Une candidate intouchable pour 2026 ?
Candidate pressentie pour la mairie de Paris, Dati bénéficie d’un soutien tacite de la droite et du camp macroniste. Gérald Darmanin, ministre de la Justice, déclare sur TF1 vouloir « ardemment » qu’elle conquière la capitale. Emmanuel Macron, qui l’a nommée ministre en janvier 2024, « prend note » de son renvoi en procès mais la maintient au gouvernement, arguant qu’un renvoi n’est pas une condamnation.
Sophie Primas, porte-parole du gouvernement, se limite à évoquer la présomption d’innocence. Une indulgence sélective qui n’est pas offerte à Bruno Retailleau. « Ce n’est pas un très beau départ de campagne », admet un sénateur LR, tandis qu’un ténor du parti confie : « Ça arrange tout le monde qu’elle y aille, mais on ne mouille pas trop la chemise pour elle. »
Sa candidature offre une chance à la droite de reprendre Paris à Anne Hidalgo, et au camp présidentiel d’éviter une bataille interne, Gabriel Attal ayant décliné la course.
« Cette histoire de renvoi renforce ceux qui l’apprécient et ceux qui la détestent », résume un député LR.Intimidation et silence.
Dati essaie de faire peur.
Un post sur X du 19 décembre 2024 rapporte qu’elle aurait tenté de censurer des articles en menaçant des rédactions. Lors d’une apparition sur LCI, elle aurait prolongé sa présence en régie pour s’assurer que les journalistes ne la critiquent pas après son départ. Ces méthodes dissuadent les voix dissidentes. « Son caractère et son appui au sommet de l’État ne donnent pas envie de sortir du bois », avoue un député macroniste.
Comment une ministre, ancienne garde des Sceaux et magistrate de formation, peut-elle s’en prendre ainsi à la presse et à la justice ? Ses attaques contre le PNF, notamment contre le procureur Jean-François Bohnert, qu’elle accuse d’avoir admis un « parquet dysfonctionnant », ont été fermement démenties.

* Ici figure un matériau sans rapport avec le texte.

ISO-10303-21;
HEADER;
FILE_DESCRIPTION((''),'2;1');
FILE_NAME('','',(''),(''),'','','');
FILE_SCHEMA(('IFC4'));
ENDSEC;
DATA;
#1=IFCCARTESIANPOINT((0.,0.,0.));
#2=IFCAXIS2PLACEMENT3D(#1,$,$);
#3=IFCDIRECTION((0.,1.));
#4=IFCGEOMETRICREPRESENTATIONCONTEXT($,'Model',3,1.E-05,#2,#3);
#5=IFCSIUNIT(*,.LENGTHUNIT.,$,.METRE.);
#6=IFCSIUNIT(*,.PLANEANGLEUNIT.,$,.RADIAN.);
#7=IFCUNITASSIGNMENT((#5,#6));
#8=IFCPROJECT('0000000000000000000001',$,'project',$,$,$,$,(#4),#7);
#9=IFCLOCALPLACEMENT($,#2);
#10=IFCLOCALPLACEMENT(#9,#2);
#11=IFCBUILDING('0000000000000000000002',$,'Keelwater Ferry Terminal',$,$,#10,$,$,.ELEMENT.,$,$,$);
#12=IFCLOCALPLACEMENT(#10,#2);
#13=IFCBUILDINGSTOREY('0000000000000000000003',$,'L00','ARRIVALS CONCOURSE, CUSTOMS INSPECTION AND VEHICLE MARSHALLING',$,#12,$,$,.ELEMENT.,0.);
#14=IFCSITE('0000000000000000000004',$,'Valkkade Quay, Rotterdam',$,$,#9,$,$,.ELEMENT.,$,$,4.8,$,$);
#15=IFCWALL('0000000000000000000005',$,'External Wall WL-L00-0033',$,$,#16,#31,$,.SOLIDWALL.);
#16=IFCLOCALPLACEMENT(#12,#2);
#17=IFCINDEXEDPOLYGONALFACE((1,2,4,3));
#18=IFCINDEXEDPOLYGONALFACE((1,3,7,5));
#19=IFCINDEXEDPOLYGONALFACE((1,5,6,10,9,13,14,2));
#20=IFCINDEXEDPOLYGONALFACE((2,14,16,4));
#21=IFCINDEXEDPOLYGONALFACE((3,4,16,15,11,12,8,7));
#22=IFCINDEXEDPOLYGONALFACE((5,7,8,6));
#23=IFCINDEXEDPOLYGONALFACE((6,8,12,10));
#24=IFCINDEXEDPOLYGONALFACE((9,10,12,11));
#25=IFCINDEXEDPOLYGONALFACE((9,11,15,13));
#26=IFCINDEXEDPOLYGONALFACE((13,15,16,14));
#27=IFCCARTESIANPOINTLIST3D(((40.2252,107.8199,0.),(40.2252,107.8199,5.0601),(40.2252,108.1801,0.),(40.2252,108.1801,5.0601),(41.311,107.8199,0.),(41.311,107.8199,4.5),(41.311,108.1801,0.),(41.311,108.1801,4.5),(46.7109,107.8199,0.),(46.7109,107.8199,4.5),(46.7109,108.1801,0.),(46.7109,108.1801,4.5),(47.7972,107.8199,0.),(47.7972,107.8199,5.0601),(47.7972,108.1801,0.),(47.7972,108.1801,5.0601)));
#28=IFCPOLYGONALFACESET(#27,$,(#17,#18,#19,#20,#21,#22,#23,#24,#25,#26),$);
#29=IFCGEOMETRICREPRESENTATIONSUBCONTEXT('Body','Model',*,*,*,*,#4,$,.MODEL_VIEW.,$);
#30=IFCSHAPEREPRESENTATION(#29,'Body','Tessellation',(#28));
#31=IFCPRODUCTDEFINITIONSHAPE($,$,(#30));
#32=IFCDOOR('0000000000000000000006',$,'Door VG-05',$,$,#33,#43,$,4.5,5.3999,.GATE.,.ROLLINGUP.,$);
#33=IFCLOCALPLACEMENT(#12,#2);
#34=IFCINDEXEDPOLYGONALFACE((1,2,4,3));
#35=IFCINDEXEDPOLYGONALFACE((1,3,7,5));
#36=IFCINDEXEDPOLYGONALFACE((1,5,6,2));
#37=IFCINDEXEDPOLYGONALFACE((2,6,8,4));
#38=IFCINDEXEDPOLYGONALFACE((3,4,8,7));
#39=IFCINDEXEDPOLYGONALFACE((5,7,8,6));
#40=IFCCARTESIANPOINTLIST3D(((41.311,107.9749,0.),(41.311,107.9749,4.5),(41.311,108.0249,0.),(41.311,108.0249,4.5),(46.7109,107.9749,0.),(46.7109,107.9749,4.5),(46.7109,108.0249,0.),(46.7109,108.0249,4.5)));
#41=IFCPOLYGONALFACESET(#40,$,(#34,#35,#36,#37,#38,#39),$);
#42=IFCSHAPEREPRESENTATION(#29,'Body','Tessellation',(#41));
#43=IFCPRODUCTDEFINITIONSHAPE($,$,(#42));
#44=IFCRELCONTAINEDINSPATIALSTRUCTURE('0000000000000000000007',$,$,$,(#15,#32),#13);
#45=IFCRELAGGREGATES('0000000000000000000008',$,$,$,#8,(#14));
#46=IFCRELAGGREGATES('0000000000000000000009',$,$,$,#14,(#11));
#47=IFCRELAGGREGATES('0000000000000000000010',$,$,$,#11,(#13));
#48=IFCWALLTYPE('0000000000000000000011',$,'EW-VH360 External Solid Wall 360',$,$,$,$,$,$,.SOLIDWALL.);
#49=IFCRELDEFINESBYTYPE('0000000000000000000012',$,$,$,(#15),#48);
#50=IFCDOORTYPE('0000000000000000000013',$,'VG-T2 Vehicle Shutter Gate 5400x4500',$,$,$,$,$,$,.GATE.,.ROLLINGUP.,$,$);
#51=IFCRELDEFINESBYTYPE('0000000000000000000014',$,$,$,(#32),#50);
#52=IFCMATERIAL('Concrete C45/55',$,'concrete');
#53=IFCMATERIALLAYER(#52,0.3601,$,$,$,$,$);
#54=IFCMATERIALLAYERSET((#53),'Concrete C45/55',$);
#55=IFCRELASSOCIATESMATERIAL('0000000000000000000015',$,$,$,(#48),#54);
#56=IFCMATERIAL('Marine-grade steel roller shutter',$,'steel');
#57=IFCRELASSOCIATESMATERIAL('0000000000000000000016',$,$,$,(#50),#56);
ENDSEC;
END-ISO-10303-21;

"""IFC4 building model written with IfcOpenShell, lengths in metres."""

from ifc_helpers import new_model, si_unit, direction, frame, frame_2d, origin, place, context, subcontext, project, spatial, rectangle, extrude, material, layer, layer_set, type_object, element, fill, save


model = new_model("IFC4")

# Units and contexts
model_context = context("Model", 3, precision=1e-05, world=origin(), true_north=direction((0.0, 1.0)))
body_context = subcontext(model_context, "Body", "Model", "MODEL_VIEW")
ifc_project = project(units=[si_unit("LENGTHUNIT", "METRE"), si_unit("PLANEANGLEUNIT", "RADIAN")], contexts=[model_context])

# Site, building, storey
site_placement = place(None, origin())
site = spatial("IfcSite", under=ifc_project, at=site_placement, Name="Valkkade Quay, Rotterdam", CompositionType="ELEMENT", RefElevation=4.8)
building_placement = place(site_placement, origin())
building = spatial("IfcBuilding", under=site, at=building_placement, Name="Keelwater Ferry Terminal", CompositionType="ELEMENT")
storey_placement = place(building_placement, origin())
storey = spatial("IfcBuildingStorey", under=building, at=storey_placement, Name="L00", Description="ARRIVALS CONCOURSE, CUSTOMS INSPECTION AND VEHICLE MARSHALLING", CompositionType="ELEMENT", Elevation=0.0)

# Wall, opening, door
ifc_material_1 = material(Name="Concrete C45/55", Category="concrete")
ifc_layer = layer(ifc_material_1, 0.3601)
ifc_layer_set = layer_set([ifc_layer], Name="Concrete C45/55")
wall_type = type_object("IfcWallType", Name="EW-VH360 External Solid Wall 360", PredefinedType="SOLIDWALL", material=ifc_layer_set)
wall_1_placement = place(storey_placement, frame((40.2251, 108.0, 0.0), z_axis=(0.0, 0.0, 1.0), x_axis=(1.0, 0.0, 0.0)))
wall_1 = element("IfcWall", 1, at=wall_1_placement, inside=storey, type_object=wall_type, Name="External Wall WL-L00-0033", PredefinedType="SOLIDWALL", context=body_context, shape_type="SweptSolid", body=[
    extrude(rectangle(XDim=7.572, YDim=0.3601, at=frame_2d((3.7861, 0.0))), origin(), (0.0, 0.0, 1.0), 5.0601),
])
opening_1_placement = place(wall_1_placement, frame((1.0859, 0.0, 0.0)))
opening_1 = element("IfcOpeningElement", 2, at=opening_1_placement, cuts=wall_1, PredefinedType="OPENING", context=body_context, shape_type="SweptSolid", body=[
    extrude(rectangle(XDim=5.3999, YDim=4.5, at=frame_2d((2.7, 2.25))), frame((0.0, 0.1902, 0.0), z_axis=(0.0, -1.0, 0.0), x_axis=(1.0, 0.0, 0.0)), (0.0, 0.0, 1.0), 0.3801),
])
ifc_material_2 = material(Name="Marine-grade steel roller shutter", Category="steel")
door_type_1 = type_object("IfcDoorType", Name="VG-T2 Vehicle Shutter Gate 5400x4500", OperationType="ROLLINGUP", PredefinedType="GATE", material=ifc_material_2)
door_1_placement = place(opening_1_placement, origin())
door_1 = element("IfcDoor", 3, at=door_1_placement, inside=storey, type_object=door_type_1, Name="Door VG-05", OperationType="ROLLINGUP", OverallHeight=4.5, OverallWidth=5.3999, PredefinedType="GATE", context=body_context, shape_type="SweptSolid", body=[
    extrude(rectangle(XDim=5.3999, YDim=4.5, at=frame_2d((2.7, 2.25))), frame((0.0, 0.0249, 0.0), z_axis=(0.0, -1.0, 0.0), x_axis=(1.0, 0.0, 0.0)), (0.0, 0.0, 1.0), 0.05),
])
fill(opening_1, door_1)

save(model, "model.ifc")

Bohnert, dans un communiqué du 23 juillet 2025, réaffirme avoir validé le réquisitoire. Le président du tribunal judiciaire de Paris, Peimane Ghaleh-Marzban, dénonce quant à lui « l’opprobre jeté publiquement » sur les magistrats.
Le calendrier judiciaire complique encore la situation. Avec une audience fixée pour septembre 2025 et un procès potentiellement repoussé après les municipales de mars 2026, Dati joue la montre.

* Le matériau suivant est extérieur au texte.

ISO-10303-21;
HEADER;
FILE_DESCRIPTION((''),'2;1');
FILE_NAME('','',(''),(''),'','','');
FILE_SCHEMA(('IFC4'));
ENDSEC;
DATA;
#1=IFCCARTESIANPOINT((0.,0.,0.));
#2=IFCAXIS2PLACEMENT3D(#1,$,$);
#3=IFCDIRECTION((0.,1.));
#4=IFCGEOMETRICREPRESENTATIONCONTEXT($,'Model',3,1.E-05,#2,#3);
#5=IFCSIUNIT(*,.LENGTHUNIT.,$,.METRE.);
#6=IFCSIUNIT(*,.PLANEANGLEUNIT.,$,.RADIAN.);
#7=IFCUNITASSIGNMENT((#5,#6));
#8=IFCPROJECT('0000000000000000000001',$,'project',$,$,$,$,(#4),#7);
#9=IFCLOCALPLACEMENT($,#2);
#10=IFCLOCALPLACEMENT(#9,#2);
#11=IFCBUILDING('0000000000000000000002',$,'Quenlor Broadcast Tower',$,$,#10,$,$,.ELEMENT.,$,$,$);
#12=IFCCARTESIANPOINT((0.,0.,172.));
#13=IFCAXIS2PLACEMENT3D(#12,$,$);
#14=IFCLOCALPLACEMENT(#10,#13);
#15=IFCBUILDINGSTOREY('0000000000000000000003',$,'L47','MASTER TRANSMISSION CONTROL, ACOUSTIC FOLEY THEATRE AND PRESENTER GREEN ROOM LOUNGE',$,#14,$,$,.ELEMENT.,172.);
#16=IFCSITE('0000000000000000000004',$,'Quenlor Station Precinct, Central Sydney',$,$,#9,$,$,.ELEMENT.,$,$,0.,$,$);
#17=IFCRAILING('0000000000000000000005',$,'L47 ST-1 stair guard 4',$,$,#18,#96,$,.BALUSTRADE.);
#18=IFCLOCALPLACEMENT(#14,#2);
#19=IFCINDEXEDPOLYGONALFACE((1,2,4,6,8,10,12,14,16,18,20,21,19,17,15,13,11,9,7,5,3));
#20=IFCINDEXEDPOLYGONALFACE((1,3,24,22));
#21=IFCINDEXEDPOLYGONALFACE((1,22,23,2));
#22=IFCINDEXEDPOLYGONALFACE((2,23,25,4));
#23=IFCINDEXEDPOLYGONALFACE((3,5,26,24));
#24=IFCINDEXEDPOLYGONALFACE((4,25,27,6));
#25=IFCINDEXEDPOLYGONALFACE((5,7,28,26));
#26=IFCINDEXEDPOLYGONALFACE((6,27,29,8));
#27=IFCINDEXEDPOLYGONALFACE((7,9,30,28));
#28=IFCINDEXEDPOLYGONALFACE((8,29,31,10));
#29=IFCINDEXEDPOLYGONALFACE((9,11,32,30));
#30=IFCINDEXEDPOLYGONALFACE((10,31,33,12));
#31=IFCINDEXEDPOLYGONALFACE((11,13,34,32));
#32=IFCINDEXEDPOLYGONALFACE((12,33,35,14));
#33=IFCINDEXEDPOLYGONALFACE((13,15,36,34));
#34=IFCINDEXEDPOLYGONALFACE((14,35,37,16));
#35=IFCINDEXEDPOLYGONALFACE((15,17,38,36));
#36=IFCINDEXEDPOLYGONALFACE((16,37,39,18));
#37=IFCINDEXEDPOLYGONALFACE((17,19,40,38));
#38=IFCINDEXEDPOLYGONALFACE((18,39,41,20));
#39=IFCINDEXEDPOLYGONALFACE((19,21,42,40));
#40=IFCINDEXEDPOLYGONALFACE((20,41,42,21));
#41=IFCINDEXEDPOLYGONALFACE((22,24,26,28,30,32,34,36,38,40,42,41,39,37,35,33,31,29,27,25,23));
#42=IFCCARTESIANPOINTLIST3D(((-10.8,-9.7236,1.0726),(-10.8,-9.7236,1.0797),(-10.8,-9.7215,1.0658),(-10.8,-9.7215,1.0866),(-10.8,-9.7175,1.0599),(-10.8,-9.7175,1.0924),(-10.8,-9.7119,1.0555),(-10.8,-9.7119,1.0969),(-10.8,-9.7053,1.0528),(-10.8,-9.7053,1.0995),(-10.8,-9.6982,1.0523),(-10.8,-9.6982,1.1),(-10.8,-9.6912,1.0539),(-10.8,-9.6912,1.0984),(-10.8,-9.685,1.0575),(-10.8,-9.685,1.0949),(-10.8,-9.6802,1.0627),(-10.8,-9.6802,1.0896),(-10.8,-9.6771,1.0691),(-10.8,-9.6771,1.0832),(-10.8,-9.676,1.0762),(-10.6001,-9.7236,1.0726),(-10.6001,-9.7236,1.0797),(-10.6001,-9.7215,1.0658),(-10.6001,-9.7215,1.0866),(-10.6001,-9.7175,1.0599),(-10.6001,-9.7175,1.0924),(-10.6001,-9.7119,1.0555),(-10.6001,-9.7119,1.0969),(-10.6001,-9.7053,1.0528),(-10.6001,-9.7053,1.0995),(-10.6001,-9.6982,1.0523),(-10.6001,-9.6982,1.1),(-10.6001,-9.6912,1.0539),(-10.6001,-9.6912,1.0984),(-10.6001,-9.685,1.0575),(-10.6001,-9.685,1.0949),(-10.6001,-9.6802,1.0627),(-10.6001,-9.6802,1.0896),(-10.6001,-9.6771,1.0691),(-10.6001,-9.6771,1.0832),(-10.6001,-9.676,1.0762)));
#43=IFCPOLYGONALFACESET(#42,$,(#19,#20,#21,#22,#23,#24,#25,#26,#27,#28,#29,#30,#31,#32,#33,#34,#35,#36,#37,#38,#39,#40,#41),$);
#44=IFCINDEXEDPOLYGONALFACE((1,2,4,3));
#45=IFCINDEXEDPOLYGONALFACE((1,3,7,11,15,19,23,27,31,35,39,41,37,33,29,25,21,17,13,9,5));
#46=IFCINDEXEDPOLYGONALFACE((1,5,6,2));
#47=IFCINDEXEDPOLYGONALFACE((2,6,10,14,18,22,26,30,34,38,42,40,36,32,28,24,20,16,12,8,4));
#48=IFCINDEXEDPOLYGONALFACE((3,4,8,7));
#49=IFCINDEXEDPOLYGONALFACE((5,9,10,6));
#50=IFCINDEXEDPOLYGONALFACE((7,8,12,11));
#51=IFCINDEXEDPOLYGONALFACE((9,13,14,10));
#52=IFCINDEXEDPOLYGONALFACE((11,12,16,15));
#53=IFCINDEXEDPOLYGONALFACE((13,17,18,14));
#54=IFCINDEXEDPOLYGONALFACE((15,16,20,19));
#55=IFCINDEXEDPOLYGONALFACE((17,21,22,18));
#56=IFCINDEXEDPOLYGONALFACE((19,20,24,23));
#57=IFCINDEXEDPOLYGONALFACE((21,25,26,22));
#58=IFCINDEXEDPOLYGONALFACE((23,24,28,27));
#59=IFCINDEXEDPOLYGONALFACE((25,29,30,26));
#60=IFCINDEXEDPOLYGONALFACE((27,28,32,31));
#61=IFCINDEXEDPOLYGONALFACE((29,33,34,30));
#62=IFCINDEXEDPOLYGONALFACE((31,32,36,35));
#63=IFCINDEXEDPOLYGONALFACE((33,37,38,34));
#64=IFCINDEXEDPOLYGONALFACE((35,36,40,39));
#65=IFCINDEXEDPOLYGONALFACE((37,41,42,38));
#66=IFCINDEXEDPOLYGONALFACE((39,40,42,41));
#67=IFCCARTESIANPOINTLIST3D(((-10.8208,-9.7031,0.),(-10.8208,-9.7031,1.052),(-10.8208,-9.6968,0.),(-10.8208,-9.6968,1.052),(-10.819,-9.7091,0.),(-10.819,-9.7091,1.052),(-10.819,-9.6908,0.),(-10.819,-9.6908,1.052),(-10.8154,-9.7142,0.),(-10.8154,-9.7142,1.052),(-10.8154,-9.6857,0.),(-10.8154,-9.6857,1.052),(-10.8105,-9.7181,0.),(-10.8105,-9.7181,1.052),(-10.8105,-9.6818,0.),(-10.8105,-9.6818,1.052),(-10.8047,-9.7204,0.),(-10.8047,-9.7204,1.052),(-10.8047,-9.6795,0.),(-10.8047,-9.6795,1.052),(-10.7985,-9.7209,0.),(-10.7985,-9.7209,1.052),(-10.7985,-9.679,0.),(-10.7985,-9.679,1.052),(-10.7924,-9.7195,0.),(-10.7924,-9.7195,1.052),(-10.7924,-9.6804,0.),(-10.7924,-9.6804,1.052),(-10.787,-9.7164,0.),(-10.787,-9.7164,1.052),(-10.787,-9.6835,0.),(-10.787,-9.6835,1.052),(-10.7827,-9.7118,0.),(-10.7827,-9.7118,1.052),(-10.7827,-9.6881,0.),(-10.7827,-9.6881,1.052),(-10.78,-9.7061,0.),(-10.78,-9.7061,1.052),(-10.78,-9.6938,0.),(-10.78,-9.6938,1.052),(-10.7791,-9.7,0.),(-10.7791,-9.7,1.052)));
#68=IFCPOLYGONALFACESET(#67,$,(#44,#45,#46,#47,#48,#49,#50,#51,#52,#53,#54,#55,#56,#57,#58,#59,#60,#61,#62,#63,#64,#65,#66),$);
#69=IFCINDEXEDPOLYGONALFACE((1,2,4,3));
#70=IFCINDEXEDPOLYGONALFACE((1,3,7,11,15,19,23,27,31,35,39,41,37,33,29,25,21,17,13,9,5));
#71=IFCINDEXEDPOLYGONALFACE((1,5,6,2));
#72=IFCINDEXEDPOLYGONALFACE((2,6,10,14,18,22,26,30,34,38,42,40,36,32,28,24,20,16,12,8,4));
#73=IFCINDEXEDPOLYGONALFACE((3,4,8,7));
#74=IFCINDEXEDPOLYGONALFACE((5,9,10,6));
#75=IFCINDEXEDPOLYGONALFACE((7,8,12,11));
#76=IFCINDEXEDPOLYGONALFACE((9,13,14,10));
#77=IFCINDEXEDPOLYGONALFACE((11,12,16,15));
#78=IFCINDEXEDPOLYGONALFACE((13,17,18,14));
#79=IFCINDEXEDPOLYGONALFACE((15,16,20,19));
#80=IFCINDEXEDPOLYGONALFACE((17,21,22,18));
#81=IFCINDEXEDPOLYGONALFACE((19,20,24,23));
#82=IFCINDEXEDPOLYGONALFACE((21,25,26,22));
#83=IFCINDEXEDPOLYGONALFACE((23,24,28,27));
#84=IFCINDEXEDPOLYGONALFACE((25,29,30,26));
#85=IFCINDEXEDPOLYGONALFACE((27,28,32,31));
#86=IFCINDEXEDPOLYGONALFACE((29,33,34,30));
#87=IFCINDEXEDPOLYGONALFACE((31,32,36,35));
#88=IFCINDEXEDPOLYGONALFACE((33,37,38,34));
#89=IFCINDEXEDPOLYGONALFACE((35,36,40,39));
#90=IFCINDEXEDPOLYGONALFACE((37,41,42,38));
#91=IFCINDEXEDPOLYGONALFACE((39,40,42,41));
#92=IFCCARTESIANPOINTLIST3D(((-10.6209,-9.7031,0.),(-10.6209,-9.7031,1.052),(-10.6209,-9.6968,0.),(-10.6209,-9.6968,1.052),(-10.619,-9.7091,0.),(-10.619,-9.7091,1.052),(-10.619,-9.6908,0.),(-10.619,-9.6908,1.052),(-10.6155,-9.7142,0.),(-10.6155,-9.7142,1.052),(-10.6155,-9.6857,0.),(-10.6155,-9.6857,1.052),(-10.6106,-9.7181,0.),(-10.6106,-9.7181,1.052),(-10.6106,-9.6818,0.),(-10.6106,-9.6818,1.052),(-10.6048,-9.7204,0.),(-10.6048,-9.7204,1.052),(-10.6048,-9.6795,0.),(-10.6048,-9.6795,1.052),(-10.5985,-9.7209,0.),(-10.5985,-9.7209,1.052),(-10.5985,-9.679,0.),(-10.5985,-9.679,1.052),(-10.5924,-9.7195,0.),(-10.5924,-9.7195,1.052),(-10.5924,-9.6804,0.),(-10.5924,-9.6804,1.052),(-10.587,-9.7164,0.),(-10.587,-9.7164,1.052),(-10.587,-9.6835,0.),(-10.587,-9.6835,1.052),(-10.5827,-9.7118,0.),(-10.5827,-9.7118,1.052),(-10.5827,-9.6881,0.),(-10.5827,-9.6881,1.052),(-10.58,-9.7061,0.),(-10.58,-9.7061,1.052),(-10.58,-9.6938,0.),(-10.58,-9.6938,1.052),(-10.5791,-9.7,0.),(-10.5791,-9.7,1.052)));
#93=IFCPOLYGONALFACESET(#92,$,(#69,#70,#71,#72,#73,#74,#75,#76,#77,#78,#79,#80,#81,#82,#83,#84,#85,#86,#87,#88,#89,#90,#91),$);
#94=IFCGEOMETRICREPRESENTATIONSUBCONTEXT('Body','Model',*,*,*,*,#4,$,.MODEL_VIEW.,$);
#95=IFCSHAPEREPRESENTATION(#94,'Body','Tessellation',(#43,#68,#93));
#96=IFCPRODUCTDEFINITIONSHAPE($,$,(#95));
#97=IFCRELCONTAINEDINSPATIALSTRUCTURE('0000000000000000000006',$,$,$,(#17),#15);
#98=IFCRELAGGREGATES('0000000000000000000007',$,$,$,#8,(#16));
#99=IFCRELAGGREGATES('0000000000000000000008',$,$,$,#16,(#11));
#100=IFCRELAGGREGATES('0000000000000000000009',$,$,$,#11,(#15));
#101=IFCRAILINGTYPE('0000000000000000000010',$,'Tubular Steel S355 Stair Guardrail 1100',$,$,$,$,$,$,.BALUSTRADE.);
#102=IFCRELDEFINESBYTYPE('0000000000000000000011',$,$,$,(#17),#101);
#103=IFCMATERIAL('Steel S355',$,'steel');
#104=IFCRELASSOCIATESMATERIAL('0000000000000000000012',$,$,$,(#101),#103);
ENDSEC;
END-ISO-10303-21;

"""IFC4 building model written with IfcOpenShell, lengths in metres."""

from ifc_helpers import new_model, si_unit, direction, frame, origin, origin_2d, place, context, subcontext, project, spatial, circle, extrude, material, type_object, element, save


model = new_model("IFC4")

# Units and contexts
model_context = context("Model", 3, precision=1e-05, world=origin(), true_north=direction((0.0, 1.0)))
body_context = subcontext(model_context, "Body", "Model", "MODEL_VIEW")
ifc_project = project(units=[si_unit("LENGTHUNIT", "METRE"), si_unit("PLANEANGLEUNIT", "RADIAN")], contexts=[model_context])

# Site, building, storey
site_placement = place(None, origin())
site = spatial("IfcSite", under=ifc_project, at=site_placement, Name="Quenlor Station Precinct, Central Sydney", CompositionType="ELEMENT", RefElevation=0.0)
building_placement = place(site_placement, origin())
building = spatial("IfcBuilding", under=site, at=building_placement, Name="Quenlor Broadcast Tower", CompositionType="ELEMENT")
storey_placement = place(building_placement, frame((0.0, 0.0, 172.0)))
storey = spatial("IfcBuildingStorey", under=building, at=storey_placement, Name="L47", Description="MASTER TRANSMISSION CONTROL, ACOUSTIC FOLEY THEATRE AND PRESENTER GREEN ROOM LOUNGE", CompositionType="ELEMENT", Elevation=172.0)

# Railing
ifc_material_1 = material(Name="Steel S355", Category="steel")
railing_type_1 = type_object("IfcRailingType", Name="Tubular Steel S355 Stair Guardrail 1100", PredefinedType="BALUSTRADE", material=ifc_material_1)
railing_1_placement = place(storey_placement, frame((-10.8, -9.7, 0.0)))
element("IfcRailing", 1, at=railing_1_placement, inside=storey, type_object=railing_type_1, Name="L47 ST-1 stair guard 4", PredefinedType="BALUSTRADE", context=body_context, shape_type="SweptSolid", body=[
    extrude(circle(Radius=0.0239, at=origin_2d()), frame((0.0, 0.0, 1.0762), z_axis=(1.0, 0.0, 0.0), x_axis=(0.0, 1.0, 0.0)), (0.0, 0.0, 1.0), 0.2),
    extrude(circle(Radius=0.021, at=origin_2d()), origin(), (0.0, 0.0, 1.0), 1.052),
    extrude(circle(Radius=0.021, at=origin_2d()), frame((0.2, 0.0, 0.0)), (0.0, 0.0, 1.0), 1.052),
])

save(model, "model.ifc")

Mais une autre bataille se profile : l’élection législative partielle dans la 2e circonscription de Paris, où elle pourrait affronter Michel Barnier.
Cette rivalité interne à la droite est exacerbée par l’annulation de l’élection de son ancien collaborateur Jean Laussucq et fragilise sa position.
En cas de candidature dissidente, elle risque de s’aliéner une partie de son camp. Pourtant, Dati ne plie pas. Devant 250 militants LR, elle clame n’avoir « peur de rien, ni de personne ».
En défiant la presse et la justice, Dati mise sur son charisme et son influence pour maintenir son cap. Mais à quel prix ?
À l’approche des municipales de 2026, son procès pour corruption risque d’affecter sa campagne.